# countersink screw / bolt hardware



## TomCT2 (May 16, 2014)

I'm building two office desks - red oak - starting with rough sawn....

to facilitate eventual house moves, etc., the plan is to bolt the end support panels onto the knee partition, screw the top to the end panels from below, mount a couple drawers (made as a free standing assembly.)
seeing how as solid oak construction tends to the heavy side; 3-4 pieces are easier to handle so that's my design...

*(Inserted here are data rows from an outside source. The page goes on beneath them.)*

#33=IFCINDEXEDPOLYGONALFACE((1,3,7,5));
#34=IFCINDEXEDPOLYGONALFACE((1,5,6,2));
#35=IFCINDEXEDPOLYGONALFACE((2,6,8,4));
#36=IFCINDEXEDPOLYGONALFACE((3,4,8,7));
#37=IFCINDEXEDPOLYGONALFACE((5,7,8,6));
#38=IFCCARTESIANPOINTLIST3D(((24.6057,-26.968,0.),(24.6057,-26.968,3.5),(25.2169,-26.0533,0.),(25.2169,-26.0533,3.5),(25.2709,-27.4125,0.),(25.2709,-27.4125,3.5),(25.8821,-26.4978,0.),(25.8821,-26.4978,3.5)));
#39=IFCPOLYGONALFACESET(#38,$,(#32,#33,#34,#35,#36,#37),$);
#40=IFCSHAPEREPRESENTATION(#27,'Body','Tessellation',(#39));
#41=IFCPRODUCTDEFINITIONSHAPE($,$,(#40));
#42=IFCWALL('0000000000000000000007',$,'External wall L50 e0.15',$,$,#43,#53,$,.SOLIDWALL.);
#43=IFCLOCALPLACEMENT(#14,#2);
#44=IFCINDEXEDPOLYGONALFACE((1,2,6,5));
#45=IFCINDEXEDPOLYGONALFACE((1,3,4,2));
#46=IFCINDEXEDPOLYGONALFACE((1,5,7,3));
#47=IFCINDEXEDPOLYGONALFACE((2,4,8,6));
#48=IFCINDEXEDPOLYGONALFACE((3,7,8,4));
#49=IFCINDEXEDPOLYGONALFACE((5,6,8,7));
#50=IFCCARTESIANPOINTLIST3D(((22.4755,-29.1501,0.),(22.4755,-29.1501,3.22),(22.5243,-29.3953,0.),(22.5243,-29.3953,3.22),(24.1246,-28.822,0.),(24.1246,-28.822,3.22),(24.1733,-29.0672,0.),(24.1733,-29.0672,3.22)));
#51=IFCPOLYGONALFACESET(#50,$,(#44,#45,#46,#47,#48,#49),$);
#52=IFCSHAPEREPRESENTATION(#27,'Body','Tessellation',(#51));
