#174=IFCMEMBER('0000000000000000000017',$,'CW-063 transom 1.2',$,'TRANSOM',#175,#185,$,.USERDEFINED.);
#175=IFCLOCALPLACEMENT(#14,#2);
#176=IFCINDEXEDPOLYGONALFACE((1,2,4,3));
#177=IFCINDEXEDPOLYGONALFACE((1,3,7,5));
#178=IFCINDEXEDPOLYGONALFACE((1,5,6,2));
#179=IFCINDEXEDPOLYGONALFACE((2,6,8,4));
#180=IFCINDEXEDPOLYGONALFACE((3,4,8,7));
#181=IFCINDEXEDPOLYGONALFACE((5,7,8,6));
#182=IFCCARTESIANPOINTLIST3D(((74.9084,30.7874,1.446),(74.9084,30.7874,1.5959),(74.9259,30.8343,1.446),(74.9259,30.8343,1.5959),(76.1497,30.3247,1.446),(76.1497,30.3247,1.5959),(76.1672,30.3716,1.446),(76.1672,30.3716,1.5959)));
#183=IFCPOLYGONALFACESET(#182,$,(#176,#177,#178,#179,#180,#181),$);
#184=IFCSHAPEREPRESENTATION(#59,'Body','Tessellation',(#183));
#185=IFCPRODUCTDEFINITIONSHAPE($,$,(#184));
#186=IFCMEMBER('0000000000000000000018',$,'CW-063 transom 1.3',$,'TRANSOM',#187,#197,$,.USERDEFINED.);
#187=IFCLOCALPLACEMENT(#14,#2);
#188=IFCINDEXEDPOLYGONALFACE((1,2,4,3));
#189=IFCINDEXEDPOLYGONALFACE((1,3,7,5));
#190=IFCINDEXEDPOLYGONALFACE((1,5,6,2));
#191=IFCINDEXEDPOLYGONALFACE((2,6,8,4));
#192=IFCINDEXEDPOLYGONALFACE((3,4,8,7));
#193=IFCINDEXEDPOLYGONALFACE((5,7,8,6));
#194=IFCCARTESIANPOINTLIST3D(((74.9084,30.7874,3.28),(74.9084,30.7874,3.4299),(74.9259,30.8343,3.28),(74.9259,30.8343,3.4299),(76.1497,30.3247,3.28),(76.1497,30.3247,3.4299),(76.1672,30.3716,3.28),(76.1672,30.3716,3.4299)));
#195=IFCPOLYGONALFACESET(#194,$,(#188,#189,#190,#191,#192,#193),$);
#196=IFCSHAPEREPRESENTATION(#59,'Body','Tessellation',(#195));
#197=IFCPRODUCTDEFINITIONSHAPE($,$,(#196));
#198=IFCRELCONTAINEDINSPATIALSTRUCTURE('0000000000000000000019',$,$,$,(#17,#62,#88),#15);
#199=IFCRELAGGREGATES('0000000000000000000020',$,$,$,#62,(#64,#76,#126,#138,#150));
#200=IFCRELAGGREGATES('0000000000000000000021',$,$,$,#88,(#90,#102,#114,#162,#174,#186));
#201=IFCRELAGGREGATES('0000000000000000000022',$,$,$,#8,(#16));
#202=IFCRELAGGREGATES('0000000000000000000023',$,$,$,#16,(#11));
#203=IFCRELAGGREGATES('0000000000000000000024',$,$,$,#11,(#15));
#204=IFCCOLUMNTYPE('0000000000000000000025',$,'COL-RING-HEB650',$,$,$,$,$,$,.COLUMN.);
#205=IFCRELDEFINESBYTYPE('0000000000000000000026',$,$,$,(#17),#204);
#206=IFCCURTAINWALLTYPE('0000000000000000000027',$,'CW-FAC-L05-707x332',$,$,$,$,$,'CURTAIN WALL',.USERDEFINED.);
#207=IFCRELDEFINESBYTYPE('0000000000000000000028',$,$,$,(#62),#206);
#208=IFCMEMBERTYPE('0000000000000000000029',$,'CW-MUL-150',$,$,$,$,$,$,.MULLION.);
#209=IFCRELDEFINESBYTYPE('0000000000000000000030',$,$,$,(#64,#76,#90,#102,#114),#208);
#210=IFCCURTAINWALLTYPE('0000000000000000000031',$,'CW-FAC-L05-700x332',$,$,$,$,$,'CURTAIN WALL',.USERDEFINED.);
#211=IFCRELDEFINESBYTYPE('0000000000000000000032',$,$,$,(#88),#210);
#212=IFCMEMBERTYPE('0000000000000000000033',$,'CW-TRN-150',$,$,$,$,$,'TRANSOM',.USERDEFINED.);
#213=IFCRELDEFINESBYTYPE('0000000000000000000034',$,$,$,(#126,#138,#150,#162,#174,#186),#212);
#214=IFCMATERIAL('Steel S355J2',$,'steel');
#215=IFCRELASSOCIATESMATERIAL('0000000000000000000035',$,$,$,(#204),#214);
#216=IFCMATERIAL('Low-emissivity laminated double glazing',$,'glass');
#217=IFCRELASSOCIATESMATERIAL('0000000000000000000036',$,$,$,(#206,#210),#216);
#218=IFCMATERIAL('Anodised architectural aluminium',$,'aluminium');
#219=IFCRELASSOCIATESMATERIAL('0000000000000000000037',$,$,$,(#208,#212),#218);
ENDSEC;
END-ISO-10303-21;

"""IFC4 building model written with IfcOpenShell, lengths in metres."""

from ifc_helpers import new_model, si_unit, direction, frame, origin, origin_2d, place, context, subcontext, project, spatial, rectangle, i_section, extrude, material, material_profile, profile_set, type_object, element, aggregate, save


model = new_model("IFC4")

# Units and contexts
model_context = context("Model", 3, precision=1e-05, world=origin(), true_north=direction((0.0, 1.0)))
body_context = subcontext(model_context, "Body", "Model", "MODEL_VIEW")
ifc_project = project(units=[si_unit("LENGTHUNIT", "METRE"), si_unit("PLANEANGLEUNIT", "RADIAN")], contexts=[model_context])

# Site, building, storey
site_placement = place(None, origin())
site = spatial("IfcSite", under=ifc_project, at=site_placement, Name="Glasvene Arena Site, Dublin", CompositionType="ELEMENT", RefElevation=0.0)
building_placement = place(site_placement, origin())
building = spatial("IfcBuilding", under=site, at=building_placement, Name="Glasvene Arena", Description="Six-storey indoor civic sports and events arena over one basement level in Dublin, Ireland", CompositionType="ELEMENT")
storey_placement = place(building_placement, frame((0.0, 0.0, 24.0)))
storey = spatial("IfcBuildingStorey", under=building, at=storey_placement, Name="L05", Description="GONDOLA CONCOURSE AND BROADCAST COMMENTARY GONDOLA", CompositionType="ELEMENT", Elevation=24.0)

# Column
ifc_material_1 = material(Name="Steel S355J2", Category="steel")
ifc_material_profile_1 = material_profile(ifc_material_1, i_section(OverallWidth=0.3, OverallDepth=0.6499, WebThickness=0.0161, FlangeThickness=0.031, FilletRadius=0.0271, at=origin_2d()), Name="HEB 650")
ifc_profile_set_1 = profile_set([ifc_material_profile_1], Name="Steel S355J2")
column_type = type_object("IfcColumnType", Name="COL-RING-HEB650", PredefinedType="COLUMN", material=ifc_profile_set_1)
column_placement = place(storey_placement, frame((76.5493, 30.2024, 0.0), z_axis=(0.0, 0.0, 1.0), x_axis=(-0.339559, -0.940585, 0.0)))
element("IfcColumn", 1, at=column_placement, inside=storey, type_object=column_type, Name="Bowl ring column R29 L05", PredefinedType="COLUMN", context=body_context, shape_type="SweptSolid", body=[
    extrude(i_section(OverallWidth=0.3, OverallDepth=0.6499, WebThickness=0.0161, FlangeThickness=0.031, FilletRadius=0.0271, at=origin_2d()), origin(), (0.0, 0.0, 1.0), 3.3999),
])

for the 'bolting together' bit I am looking for something I don't know the name of and can't seem to stumble across wandering through catalogs.....

it's a 'bigger than the head' round thick thick flat "washer" - with a hole drilled for the bolt size, and that hole has a taper / countersink to match the bolt head taper. you bore a flat bottom hole the depth of the 'washer' thickness, it acts to spread the bolting force over a larger area.

these are commonly found in particle board Ikea type stuff where tightening up a bolt / screw could easily fracture / punch through the particle board.

for this project, I'm looking at brass / stainless. plastic is out of the question.

anyone recognize this 'hardware' and / or have a source?


----------



## woodnthings (Jan 24, 2009)

*Sounds like a "T" nut*

There are a few types of "T" nuts which allow a threaded bolt to secure a piece of wood:


















Then there are nutserts which thread into the wood and allow a bolt to be threaded inside them:


----------



## Brian(J) (Feb 22, 2016)

I think you are looking for a Countersunk Washer.
I buy mine here:
http://www.jwwinco.com/products/section11/gn184/

The image may look wrong but there are many sizes.

Brian(J)


----------



## TomCT2 (May 16, 2014)

woods - nope, other end of the fastener. 
Brian - the "theory" is right, but the proportions of shown in that link are off. the 'washer diameter' should be roughly 2x the screw head.
need to explore the winco site a bit more.....


----------



## Brian(J) (Feb 22, 2016)

TomCT2 said:


> woods - nope, other end of the fastener.
> Brian - the "theory" is right, but the proportions of shown in that link are off. the 'washer diameter' should be roughly 2x the screw head.
> need to explore the winco site a bit more.....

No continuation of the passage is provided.